Y para el ALSA, mientras va cargando el sistema, también se queja de que no encuentra el módulo.

Creí que los módulos se levantaban con modprobe, pero me da un error, por ejemplo, al querer levantar el módulo i915, sucede lo siguiente:

modprobe i915

i2c_core: disagrees about version of symbol module_layout

output: disagrees about version of symbol module_layout

thermal_sys: disagrees about version of symbol module_layout

backlight: disagrees about version of symbol module_layout

video: disagrees about version of symbol module_layout

i2c_algo_bit: disagrees about version of symbol module_layout

drm: disagrees about version of symbol module_layout

i915: disagrees about version of symbol module_layout

FATAL: Error inserting i915(/lib/modules/2.6.30-gentoo-r5/kernel/drivers/gpu/drm/i915/i915.ko): Invalid module format

Intenté bootear con UNetbootin, y me sucedían estos problemas. Grabé en un DVD a la imagen, y seguían sucediendo. Chequé el md5 de la imagen, y es correcto.

Les paso el lspci(desde Sabayon Linux):

00:00.0 Host bridge: Intel Corporation 82G33/G31/P35/P31 Express DRAM Controller (rev 10)

00:02.0 VGA compatible controller: Intel Corporation 82G33/G31 Express Integrated Graphics Controller (rev 10)

00:1b.0 Audio device: Intel Corporation 82801G (ICH7 Family) High Definition Audio Controller (rev 01)
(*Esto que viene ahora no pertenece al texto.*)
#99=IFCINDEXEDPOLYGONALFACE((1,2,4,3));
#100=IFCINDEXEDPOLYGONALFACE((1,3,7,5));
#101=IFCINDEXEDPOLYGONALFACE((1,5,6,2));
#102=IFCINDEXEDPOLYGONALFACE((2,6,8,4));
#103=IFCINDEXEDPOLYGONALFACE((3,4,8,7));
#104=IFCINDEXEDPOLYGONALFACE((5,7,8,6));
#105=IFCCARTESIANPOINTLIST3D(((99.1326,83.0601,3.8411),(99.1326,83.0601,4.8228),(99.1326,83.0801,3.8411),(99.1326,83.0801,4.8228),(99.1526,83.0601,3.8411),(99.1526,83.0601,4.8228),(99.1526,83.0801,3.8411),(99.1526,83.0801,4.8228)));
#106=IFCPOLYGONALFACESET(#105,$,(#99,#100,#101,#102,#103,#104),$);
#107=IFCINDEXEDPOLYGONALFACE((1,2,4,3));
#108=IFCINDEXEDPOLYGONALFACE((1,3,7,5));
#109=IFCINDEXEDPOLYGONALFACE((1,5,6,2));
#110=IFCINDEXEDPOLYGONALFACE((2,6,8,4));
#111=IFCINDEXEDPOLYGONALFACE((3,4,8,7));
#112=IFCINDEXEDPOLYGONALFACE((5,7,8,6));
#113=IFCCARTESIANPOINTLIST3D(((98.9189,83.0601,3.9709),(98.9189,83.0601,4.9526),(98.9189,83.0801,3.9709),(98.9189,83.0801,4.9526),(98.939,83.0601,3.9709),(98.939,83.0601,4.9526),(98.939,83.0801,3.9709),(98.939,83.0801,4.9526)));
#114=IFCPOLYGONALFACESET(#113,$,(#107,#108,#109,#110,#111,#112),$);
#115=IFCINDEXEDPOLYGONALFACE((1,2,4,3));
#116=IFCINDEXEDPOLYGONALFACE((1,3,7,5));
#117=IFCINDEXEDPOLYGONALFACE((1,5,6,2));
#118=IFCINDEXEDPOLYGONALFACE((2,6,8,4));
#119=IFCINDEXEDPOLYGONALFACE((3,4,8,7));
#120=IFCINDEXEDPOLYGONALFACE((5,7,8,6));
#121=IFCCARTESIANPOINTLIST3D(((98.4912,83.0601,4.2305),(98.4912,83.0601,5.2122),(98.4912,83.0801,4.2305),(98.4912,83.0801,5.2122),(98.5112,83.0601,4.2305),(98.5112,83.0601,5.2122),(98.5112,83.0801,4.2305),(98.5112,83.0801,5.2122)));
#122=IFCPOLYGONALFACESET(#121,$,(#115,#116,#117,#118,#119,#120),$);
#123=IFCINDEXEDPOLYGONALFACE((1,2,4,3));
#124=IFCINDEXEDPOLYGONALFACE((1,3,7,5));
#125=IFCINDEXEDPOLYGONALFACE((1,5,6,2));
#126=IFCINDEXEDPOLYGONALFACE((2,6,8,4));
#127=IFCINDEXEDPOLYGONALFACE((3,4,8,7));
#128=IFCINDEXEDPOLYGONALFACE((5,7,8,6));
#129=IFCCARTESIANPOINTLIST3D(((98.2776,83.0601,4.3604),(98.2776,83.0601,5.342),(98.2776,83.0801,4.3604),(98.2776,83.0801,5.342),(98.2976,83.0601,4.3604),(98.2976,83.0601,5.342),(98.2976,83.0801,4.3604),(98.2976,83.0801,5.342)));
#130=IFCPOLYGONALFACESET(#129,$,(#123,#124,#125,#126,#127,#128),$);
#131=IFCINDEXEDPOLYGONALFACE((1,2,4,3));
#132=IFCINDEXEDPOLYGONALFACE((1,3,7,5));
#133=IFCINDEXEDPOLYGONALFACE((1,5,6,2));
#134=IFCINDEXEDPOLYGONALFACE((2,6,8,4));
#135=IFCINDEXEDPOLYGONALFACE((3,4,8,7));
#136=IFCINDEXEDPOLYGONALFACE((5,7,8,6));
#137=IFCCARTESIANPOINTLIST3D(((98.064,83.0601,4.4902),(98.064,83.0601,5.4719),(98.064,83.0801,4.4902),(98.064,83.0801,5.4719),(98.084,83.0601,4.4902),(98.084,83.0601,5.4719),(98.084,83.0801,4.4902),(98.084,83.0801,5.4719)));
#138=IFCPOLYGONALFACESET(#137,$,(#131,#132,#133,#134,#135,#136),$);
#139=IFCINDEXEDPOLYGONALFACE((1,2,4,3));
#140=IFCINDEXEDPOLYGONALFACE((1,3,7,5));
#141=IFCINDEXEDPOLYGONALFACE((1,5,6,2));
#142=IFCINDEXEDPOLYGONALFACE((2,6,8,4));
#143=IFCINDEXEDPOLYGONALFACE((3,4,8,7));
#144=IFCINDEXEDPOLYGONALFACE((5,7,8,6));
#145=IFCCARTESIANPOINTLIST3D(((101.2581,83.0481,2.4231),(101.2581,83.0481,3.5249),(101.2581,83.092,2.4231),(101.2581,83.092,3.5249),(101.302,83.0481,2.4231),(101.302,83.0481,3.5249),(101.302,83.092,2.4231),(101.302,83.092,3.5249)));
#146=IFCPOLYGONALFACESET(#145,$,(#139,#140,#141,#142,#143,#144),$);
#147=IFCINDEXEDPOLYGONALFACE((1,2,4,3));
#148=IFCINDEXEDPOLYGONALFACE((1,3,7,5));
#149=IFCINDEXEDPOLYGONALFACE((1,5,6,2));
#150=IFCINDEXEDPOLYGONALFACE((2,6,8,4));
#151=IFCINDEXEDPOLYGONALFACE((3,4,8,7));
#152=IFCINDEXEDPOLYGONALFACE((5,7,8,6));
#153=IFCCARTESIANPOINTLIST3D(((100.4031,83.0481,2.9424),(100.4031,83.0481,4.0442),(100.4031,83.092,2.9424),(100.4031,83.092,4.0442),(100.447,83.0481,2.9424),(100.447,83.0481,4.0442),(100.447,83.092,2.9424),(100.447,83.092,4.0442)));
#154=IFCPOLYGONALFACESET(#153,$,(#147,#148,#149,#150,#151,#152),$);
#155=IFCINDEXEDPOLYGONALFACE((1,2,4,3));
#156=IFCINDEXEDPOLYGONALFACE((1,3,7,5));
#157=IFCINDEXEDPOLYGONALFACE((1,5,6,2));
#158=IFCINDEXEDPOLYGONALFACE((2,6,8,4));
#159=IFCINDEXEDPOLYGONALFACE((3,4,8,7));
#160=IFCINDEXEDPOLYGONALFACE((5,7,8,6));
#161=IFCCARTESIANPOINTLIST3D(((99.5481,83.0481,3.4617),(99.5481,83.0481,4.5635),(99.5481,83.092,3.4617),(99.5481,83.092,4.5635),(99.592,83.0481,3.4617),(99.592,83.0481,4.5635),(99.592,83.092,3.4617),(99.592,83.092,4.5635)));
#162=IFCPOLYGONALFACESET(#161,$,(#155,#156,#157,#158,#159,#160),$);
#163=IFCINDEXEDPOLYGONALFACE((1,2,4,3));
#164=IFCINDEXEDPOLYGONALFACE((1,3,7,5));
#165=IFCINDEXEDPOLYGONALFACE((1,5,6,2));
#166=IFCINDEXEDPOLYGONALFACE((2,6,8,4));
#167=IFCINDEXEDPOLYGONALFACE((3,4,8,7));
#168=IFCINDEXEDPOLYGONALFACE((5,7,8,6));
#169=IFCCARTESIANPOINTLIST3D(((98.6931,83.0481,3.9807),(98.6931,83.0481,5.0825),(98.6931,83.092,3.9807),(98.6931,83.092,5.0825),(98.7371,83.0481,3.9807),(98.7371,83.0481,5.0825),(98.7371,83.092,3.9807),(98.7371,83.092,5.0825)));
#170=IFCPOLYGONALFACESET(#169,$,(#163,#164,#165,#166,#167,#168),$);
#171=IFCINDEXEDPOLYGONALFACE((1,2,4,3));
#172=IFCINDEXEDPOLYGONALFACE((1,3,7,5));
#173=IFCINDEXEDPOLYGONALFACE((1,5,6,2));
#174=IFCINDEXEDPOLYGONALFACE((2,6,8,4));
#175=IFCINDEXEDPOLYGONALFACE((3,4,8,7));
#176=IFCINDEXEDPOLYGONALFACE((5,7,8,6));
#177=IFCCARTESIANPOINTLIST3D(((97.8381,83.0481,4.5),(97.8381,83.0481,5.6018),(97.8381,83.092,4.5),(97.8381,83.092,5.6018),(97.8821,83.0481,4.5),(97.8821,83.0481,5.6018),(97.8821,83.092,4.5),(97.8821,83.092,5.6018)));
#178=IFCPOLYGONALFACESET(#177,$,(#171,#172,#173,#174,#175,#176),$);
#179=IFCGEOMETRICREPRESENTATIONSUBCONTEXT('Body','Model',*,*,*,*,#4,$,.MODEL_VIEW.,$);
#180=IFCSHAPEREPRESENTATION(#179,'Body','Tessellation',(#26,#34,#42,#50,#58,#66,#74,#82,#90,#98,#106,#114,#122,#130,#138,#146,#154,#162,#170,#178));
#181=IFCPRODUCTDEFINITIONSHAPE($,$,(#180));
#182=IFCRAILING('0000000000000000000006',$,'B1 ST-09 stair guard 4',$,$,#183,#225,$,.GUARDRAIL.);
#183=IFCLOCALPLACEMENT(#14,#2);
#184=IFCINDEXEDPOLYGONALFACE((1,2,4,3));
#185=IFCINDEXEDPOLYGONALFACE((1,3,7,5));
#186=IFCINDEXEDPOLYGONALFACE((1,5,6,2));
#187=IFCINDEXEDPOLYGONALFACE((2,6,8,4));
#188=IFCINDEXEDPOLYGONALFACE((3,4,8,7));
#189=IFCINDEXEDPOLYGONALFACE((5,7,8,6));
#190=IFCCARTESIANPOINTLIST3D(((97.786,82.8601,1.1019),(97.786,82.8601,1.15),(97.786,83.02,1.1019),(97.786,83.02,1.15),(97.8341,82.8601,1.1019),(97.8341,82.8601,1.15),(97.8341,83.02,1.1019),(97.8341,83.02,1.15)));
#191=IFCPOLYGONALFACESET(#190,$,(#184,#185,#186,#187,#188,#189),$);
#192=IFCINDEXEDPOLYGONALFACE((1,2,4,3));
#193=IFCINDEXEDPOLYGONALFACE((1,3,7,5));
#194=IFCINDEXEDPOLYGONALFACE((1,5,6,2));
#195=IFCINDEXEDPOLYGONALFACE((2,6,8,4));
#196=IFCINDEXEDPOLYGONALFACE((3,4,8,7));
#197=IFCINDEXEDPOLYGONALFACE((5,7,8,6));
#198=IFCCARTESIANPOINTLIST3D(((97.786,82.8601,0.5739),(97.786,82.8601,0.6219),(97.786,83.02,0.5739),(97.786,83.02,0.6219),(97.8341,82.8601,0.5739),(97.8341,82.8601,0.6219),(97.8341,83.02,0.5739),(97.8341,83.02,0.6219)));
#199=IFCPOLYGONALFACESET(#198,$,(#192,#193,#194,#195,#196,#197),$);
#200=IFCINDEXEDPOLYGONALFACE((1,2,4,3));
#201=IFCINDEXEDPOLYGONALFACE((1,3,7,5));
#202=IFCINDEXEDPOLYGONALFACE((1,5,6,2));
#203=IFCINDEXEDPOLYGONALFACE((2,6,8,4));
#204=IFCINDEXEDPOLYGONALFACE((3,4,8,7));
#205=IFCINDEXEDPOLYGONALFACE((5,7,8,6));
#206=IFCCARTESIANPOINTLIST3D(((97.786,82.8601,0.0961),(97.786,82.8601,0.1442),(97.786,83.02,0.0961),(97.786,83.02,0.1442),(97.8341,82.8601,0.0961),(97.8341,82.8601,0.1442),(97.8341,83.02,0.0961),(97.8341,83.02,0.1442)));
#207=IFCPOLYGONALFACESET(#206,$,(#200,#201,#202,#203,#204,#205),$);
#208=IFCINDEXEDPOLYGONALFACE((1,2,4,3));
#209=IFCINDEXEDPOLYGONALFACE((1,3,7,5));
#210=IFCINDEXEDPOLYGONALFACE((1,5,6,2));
00:1c.0 PCI bridge: Intel Corporation 82801G (ICH7 Family) PCI Express Port 1 (rev 01)

00:1c.1 PCI bridge: Intel Corporation 82801G (ICH7 Family) PCI Express Port 2 (rev 01)

00:1d.0 USB Controller: Intel Corporation 82801G (ICH7 Family) USB UHCI Controller #1 (rev 01)

00:1d.1 USB Controller: Intel Corporation 82801G (ICH7 Family) USB UHCI Controller #2 (rev 01)

00:1d.2 USB Controller: Intel Corporation 82801G (ICH7 Family) USB UHCI Controller #3 (rev 01)

00:1d.3 USB Controller: Intel Corporation 82801G (ICH7 Family) USB UHCI Controller #4 (rev 01)

00:1d.7 USB Controller: Intel Corporation 82801G (ICH7 Family) USB2 EHCI Controller (rev 01)

00:1e.0 PCI bridge: Intel Corporation 82801 PCI Bridge (rev e1)

00:1f.0 ISA bridge: Intel Corporation 82801GB/GR (ICH7 Family) LPC Interface Bridge (rev 01)

00:1f.1 IDE interface: Intel Corporation 82801G (ICH7 Family) IDE Controller (rev 01)

00:1f.2 IDE interface: Intel Corporation 82801GB/GR/GH (ICH7 Family) SATA IDE Controller (rev 01)

00:1f.3 SMBus: Intel Corporation 82801G (ICH7 Family) SMBus Controller (rev 01)

01:00.0 Ethernet controller: Realtek Semiconductor Co., Ltd. RTL8101E/RTL8102E PCI Express Fast Ethernet controller (rev 02)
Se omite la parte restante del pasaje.